Lee Jones
Title: Finite sample
minimax estimation, fusion in machine learning, and overcoming the
curse of dimensionality
Abstract:
A minimax approach is described for learning the value of an unknown
function f(x) at a query point xo based on knowledge of
the function's values ( with possible noise added) at given points
{xj}. As a result optimal accuracy bounds, based on assumptions
about the behavior of f(x), may be determined for several new and old
algorithms for learning f(xo).
Empirical evidence indicates that averaging the learned estimate of
f(xo) from many different algorithms ( estimates) often leads to
increased accuracy - as with random subspace methods, random forests
and varying kernel covariances. Furthermore, when statistically
analyzed, different algorithms are often estimating different
conditional expectations of the corresponding response
variable.
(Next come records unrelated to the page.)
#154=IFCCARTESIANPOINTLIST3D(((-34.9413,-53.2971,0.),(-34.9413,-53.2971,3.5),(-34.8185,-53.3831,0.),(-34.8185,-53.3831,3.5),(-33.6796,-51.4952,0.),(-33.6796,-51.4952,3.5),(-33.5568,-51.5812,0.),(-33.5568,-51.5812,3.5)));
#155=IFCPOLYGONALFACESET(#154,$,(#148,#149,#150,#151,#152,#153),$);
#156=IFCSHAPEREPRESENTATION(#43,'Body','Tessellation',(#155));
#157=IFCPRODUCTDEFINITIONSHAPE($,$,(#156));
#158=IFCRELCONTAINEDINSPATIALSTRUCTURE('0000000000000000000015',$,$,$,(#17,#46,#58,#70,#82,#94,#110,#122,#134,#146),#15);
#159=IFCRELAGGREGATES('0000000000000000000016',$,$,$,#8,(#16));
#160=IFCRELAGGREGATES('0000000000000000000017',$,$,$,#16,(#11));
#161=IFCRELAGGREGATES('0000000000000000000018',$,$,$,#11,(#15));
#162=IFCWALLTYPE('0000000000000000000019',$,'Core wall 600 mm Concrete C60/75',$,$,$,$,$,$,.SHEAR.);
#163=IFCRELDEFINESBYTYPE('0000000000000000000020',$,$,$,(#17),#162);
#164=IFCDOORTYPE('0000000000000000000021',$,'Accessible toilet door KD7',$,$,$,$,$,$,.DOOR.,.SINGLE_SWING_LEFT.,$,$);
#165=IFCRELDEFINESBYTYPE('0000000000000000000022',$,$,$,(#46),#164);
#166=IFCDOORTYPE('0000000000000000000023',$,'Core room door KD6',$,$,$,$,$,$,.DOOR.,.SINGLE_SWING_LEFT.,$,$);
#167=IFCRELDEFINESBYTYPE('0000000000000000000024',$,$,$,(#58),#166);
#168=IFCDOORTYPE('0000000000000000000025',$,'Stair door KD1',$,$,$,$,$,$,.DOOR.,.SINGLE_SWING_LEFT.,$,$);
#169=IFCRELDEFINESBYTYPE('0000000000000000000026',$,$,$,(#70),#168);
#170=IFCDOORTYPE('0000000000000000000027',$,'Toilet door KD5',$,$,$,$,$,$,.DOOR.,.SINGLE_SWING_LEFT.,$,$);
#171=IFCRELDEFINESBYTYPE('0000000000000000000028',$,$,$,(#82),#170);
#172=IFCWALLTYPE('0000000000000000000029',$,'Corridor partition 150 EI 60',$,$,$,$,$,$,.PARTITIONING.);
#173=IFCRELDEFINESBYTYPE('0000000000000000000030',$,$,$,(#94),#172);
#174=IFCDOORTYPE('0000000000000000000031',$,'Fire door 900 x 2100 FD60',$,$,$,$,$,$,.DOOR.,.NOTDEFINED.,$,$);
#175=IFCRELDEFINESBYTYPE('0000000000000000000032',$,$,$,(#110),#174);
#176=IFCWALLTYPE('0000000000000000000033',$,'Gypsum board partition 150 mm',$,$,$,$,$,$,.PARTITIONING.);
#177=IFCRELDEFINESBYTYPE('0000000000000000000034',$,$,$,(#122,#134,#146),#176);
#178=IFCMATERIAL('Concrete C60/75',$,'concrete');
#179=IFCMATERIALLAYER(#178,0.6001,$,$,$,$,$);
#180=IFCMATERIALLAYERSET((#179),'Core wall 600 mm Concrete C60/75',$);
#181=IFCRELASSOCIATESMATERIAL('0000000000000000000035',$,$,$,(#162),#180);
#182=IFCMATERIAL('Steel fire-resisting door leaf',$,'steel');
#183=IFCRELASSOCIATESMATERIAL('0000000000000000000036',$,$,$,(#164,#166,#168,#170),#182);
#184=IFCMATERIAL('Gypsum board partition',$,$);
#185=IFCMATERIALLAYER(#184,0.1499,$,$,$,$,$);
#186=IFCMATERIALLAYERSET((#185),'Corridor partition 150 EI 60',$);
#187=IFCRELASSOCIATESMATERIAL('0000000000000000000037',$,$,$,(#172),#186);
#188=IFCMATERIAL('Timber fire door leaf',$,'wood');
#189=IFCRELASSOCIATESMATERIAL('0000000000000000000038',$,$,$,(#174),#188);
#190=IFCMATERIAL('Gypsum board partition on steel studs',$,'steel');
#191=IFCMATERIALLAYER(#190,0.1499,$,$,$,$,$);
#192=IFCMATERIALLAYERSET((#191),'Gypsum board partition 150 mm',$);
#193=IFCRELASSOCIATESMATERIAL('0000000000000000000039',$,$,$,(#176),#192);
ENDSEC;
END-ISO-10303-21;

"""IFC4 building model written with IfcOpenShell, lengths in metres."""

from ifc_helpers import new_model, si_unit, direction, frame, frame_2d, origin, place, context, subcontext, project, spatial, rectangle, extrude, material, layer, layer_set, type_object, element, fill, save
A method (fusion) is presented for optimally
combining the estimates from a given set (ensemble) of such algorithms
and obtaining an accuracy bound on such combination. The approach is to
introduce information-theoretic concepts relating accuracy
bounds of an aggregate estimate to the degree of conditioning of
the aggregate estimate.
The minimax approach allows the fusion procedure to account for the
possibility of spurious features causing ( with a known high
probability) only a small number of algorithms to overfit.
When a large number of the algorithms are highly predictive
the fusion estimate remains accurate and the curse of dimensionality
may be avoided.
(Research supported by the Norbert Wiener Center (NWC) and the
Submillimeter-Wave Technology Laboratory (STL).)